This was part of a spam e-mail I got about Optimising HE Curriculum Design
Last year, Sir Michael Barber, the Chief Education Advisor to the world's biggest education firm, Pearson, claimed that Universities must, "mark themselves out of the crowd or risk an avalanche of change sweeping them away."
This actually is a statement about the problem and not the solution. Pearson, McGraw-Hill, Palgrave-Macmillan and the others are all trying to get as much as they can of the multi-billion pound education business. What they want to sell all are complete educational packages of textbooks and content that will all be assessed using their examination boards. Then you will go on to Higher Education and study for a Pearson or McGraw-Hill degree from the University of X or Y as accredited by the publisher. We will end up with cloned students who become cloned graduates. It will be a statisticians dream. All of those norm measured exams, all those nice symmetrical distributions. Governments will love it especially education ministers talking about standards and fairness and how everyone gets the same opportunity. But it will be terrible. It will be an abomination.
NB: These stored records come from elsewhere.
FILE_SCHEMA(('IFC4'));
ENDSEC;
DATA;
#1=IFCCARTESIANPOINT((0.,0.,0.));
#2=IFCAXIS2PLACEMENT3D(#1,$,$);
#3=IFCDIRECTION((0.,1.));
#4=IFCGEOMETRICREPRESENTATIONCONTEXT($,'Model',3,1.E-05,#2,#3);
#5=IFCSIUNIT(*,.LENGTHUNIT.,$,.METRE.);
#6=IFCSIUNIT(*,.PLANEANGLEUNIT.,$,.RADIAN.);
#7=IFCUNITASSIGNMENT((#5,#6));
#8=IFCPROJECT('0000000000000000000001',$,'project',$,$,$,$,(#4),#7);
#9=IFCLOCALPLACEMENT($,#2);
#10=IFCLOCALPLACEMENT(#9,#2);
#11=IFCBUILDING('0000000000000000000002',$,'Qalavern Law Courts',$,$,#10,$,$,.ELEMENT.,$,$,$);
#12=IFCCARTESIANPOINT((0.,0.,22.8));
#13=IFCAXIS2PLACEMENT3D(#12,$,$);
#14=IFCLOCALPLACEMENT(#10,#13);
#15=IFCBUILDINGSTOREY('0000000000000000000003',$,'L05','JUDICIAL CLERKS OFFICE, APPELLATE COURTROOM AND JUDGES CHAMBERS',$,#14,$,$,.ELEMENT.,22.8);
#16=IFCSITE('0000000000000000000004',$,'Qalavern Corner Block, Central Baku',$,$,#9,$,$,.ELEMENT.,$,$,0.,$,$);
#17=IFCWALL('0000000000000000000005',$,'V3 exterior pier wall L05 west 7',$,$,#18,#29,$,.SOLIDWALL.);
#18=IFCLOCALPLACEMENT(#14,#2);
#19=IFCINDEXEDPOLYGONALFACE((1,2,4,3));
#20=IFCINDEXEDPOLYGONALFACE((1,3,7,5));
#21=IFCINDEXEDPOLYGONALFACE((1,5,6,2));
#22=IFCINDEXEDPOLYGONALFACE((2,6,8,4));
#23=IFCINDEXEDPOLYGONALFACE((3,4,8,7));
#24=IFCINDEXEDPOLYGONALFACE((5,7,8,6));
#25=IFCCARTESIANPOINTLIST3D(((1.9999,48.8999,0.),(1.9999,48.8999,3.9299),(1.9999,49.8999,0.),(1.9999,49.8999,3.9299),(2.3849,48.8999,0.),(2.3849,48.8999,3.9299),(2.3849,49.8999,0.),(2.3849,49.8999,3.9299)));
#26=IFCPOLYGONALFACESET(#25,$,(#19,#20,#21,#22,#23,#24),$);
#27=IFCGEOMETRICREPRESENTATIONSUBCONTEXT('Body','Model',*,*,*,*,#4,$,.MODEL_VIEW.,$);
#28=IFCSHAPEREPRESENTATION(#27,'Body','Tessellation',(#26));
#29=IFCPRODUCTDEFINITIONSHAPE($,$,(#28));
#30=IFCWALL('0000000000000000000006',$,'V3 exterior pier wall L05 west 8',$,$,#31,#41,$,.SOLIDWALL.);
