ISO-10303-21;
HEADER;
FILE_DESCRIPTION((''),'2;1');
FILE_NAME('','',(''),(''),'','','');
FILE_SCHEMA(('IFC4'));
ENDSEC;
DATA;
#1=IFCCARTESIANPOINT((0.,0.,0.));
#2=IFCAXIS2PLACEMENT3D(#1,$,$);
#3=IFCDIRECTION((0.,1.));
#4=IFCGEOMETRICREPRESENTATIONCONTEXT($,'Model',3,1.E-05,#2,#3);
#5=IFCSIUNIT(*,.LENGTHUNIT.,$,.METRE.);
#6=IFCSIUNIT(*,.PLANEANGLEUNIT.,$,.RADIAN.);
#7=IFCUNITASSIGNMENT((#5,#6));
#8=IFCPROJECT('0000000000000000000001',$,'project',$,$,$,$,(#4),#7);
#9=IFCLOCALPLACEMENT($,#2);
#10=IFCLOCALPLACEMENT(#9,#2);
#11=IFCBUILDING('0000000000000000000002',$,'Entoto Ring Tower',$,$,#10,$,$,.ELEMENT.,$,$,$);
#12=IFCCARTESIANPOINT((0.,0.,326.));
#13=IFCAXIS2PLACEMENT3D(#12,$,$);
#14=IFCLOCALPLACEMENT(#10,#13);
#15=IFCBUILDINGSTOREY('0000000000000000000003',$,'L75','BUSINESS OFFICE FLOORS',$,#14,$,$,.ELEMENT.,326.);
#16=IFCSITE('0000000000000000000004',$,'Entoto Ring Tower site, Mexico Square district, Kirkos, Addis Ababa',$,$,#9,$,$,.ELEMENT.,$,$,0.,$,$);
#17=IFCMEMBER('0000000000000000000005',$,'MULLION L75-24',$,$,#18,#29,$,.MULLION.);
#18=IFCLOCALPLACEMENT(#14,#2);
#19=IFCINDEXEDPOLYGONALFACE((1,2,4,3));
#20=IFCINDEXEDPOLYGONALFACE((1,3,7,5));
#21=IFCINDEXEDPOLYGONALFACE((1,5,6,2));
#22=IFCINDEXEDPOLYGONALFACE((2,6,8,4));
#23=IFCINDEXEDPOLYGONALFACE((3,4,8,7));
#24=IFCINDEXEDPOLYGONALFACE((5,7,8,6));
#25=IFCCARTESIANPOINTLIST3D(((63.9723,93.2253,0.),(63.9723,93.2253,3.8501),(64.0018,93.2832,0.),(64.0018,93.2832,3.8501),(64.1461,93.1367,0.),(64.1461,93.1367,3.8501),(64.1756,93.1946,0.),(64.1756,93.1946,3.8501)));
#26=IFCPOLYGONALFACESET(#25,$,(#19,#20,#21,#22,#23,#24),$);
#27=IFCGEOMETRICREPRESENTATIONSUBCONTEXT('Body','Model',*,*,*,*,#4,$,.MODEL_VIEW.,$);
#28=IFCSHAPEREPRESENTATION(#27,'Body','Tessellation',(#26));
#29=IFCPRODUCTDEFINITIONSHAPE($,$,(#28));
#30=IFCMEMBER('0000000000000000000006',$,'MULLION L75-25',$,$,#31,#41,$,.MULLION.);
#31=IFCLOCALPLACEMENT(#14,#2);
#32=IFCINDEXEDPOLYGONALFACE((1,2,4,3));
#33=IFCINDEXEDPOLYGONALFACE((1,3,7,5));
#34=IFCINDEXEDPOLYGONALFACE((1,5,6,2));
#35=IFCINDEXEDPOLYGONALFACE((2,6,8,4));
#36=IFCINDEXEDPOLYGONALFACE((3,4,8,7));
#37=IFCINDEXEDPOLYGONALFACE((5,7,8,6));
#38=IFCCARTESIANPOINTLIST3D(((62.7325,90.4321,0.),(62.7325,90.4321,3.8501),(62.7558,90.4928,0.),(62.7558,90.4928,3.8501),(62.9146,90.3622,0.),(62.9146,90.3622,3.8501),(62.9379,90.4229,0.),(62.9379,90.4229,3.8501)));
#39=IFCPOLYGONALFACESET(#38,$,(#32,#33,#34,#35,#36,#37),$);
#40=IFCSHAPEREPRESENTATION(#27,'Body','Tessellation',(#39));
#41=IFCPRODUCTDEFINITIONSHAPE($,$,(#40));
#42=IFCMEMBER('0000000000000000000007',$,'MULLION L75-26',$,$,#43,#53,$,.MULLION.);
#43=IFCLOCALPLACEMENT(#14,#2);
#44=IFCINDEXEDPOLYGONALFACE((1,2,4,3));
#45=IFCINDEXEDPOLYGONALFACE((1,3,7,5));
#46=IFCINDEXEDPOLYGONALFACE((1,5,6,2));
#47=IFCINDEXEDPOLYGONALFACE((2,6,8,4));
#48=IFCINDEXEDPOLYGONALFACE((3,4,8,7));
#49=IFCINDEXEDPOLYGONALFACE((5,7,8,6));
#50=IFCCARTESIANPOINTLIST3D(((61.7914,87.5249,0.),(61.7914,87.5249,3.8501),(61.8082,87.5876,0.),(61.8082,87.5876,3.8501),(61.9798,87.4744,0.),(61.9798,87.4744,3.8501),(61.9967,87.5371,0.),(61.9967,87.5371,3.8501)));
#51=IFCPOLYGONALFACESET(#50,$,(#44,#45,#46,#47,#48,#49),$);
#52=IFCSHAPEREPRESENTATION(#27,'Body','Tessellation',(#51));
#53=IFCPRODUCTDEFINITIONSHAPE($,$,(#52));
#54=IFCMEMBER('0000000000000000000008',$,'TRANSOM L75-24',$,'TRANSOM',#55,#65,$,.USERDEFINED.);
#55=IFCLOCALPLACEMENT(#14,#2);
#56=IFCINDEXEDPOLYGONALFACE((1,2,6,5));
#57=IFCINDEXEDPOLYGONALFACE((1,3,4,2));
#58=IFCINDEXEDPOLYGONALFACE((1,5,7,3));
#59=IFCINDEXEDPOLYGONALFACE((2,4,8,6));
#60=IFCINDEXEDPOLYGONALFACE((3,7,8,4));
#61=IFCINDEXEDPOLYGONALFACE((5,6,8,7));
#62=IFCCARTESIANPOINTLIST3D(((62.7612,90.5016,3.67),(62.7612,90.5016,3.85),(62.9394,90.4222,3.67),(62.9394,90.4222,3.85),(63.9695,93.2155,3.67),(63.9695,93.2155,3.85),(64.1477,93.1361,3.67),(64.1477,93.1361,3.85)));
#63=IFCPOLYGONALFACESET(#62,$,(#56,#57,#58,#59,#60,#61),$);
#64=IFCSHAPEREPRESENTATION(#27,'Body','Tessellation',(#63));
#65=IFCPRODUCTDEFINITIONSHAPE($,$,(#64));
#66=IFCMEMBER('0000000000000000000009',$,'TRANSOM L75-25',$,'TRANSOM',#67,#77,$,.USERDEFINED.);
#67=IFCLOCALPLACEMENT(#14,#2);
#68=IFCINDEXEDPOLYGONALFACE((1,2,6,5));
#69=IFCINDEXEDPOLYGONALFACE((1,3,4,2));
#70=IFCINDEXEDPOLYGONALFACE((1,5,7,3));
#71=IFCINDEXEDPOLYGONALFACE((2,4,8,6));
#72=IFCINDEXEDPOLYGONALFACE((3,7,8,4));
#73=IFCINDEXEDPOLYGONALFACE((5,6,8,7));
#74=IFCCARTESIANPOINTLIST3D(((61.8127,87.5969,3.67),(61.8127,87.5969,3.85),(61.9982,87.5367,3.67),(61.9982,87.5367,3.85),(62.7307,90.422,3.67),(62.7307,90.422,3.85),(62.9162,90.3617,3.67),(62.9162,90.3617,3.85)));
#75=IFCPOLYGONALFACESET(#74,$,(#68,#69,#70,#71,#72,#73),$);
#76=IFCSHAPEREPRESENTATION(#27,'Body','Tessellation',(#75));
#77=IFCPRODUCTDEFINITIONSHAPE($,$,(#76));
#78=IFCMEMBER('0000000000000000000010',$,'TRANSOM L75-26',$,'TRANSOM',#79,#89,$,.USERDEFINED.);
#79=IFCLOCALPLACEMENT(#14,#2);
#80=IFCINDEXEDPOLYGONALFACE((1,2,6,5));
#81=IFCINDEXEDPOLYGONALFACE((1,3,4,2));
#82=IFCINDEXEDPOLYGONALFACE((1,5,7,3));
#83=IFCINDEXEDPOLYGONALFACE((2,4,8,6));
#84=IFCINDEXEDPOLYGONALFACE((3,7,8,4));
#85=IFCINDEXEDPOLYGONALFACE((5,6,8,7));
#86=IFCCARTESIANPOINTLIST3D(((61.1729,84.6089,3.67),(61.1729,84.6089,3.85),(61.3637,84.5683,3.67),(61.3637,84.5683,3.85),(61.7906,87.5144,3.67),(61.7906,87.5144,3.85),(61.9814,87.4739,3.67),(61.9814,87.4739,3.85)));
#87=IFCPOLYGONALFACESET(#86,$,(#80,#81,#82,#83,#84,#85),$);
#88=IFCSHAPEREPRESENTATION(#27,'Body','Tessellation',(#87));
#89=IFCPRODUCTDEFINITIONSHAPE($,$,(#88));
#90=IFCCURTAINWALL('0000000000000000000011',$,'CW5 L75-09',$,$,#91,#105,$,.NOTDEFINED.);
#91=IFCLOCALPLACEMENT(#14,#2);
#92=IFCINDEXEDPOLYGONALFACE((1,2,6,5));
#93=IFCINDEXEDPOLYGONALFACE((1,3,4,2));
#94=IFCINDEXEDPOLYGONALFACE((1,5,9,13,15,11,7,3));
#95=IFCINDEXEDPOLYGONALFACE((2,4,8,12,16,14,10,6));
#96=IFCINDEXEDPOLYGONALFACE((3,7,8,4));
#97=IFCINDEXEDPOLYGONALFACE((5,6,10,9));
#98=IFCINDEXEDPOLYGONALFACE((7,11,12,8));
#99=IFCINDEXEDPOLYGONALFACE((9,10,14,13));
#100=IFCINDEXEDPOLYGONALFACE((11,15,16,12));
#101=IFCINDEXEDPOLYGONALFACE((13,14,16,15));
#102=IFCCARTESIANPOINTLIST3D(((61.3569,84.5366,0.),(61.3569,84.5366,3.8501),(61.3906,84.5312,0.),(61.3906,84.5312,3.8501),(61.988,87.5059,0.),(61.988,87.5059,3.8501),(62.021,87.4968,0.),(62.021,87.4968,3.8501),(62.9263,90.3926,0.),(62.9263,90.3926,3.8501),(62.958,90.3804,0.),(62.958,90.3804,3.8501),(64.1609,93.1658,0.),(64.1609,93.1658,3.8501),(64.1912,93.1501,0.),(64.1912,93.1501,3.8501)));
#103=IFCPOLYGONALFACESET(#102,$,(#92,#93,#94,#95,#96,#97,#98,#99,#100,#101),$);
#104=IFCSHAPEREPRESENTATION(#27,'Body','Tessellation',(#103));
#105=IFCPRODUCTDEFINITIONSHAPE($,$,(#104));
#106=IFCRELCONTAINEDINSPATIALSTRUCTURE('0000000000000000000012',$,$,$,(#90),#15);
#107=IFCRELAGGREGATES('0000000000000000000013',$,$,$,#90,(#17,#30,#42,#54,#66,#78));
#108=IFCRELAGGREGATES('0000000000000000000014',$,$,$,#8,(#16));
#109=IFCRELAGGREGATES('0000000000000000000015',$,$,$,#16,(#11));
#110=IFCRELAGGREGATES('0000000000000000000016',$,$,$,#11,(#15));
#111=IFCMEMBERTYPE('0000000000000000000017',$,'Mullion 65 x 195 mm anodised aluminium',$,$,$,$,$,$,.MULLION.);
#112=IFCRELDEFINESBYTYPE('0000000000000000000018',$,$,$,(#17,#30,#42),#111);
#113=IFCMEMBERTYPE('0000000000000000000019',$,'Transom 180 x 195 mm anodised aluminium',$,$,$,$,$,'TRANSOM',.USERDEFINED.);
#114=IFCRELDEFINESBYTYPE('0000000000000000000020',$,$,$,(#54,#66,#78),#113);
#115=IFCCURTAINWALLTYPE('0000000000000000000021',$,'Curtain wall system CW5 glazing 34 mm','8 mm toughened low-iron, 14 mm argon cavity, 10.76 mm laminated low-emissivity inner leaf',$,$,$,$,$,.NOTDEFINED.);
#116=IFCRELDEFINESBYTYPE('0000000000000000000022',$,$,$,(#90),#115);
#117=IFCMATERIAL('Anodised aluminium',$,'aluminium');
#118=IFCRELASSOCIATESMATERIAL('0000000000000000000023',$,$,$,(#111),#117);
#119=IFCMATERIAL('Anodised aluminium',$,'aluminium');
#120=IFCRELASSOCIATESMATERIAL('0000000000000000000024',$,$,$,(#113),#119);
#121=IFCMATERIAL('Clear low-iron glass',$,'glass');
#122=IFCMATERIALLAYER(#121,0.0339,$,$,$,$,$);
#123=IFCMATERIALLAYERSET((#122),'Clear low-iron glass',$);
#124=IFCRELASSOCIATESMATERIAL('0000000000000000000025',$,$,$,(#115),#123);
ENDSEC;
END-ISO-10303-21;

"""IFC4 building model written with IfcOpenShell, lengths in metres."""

from ifc_helpers import new_model, si_unit, direction, frame, origin, origin_2d, place, context, subcontext, project, spatial, polyline, rectangle, outline, extrude, material, layer, layer_set, material_profile, profile_set, type_object, element, aggregate, save


model = new_model("IFC4")

# Units and contexts
model_context = context("Model", 3, precision=1e-05, world=origin(), true_north=direction((0.0, 1.0)))
body_context = subcontext(model_context, "Body", "Model", "MODEL_VIEW")
ifc_project = project(units=[si_unit("LENGTHUNIT", "METRE"), si_unit("PLANEANGLEUNIT", "RADIAN")], contexts=[model_context])

# Members
ifc_material_1 = material(Name="Anodised aluminium", Category="aluminium")
ifc_material_profile_1 = material_profile(ifc_material_1, rectangle(XDim=0.0649, YDim=0.1951, at=origin_2d()), Name="Mullion 65 x 195 mm anodised aluminium")
ifc_profile_set_1 = profile_set([ifc_material_profile_1], Name="Anodised aluminium")
member_type_1 = type_object("IfcMemberType", Name="Mullion 65 x 195 mm anodised aluminium", PredefinedType="MULLION", material=ifc_profile_set_1)
site_placement = place(None, origin())
building_placement = place(site_placement, origin())
storey_placement = place(building_placement, frame((0.0, 0.0, 326.0)))
member_1_placement = place(storey_placement, frame((64.074, 93.21, 0.0), z_axis=(0.0, 0.0, 1.0), x_axis=(-0.45399, -0.891007, 0.0)))
member_1 = element("IfcMember", 1, at=member_1_placement, type_object=member_type_1, Name="MULLION L75-24", PredefinedType="MULLION", context=body_context, shape_type="SweptSolid", body=[
    extrude(rectangle(XDim=0.0649, YDim=0.1951, at=origin_2d()), origin(), (0.0, 0.0, 1.0), 3.8501),
])
member_2_placement = place(storey_placement, frame((62.8352, 90.4275, 0.0), z_axis=(0.0, 0.0, 1.0), x_axis=(-0.358368, -0.93358, 0.0)))
member_2 = element("IfcMember", 2, at=member_2_placement, type_object=member_type_1, Name="MULLION L75-25", PredefinedType="MULLION", context=body_context, shape_type="SweptSolid", body=[
    extrude(rectangle(XDim=0.0649, YDim=0.1951, at=origin_2d()), origin(), (0.0, 0.0, 1.0), 3.8501),
])
member_3_placement = place(storey_placement, frame((61.894, 87.531, 0.0), z_axis=(0.0, 0.0, 1.0), x_axis=(-0.258819, -0.965926, 0.0)))
member_3 = element("IfcMember", 3, at=member_3_placement, type_object=member_type_1, Name="MULLION L75-26", PredefinedType="MULLION", context=body_context, shape_type="SweptSolid", body=[
    extrude(rectangle(XDim=0.0649, YDim=0.1951, at=origin_2d()), origin(), (0.0, 0.0, 1.0), 3.8501),
])
ifc_material_2 = material(Name="Anodised aluminium", Category="aluminium")
ifc_material_profile_2 = material_profile(ifc_material_2, rectangle(XDim=0.1951, YDim=0.1799, at=origin_2d()), Name="Transom 180 x 195 mm anodised aluminium")
ifc_profile_set_2 = profile_set([ifc_material_profile_2], Name="Anodised aluminium")
member_type_2 = type_object("IfcMemberType", Name="Transom 180 x 195 mm anodised aluminium", ElementType="TRANSOM", PredefinedType="USERDEFINED", material=ifc_profile_set_2)
member_4_placement = place(storey_placement, frame((64.0586, 93.1758, 3.76), z_axis=(-0.406726, -0.91355, 0.0), x_axis=(0.91355, -0.406726, 0.0)))
member_4 = element("IfcMember", 4, at=member_4_placement, type_object=member_type_2, Name="TRANSOM L75-24", ObjectType="TRANSOM", PredefinedType="USERDEFINED", context=body_context, shape_type="SweptSolid", body=[
    extrude(rectangle(XDim=0.1951, YDim=0.1799, at=origin_2d()), origin(), (0.0, 0.0, 1.0), 2.9707),
])
member_5_placement = place(storey_placement, frame((62.8235, 90.3918, 3.76), z_axis=(-0.309043, -0.951048, 0.0), x_axis=(0.951048, -0.309043, 0.0)))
Why would we want to train these robots? That is not an education. What can the world do with all of these homogeneous graduates who excel at doing exams and cannot tie their own shoelaces? Where are the real skills? Where is the questioning, the rebellion, the life of a student just finding things out? The world would be a much poorer place if we let them do this. So Sir Michael is right, there is a warning that we need to be progressive and to stand out. But that means standing against the academic publishing behemoths to create an education that is built for purpose and not for profit.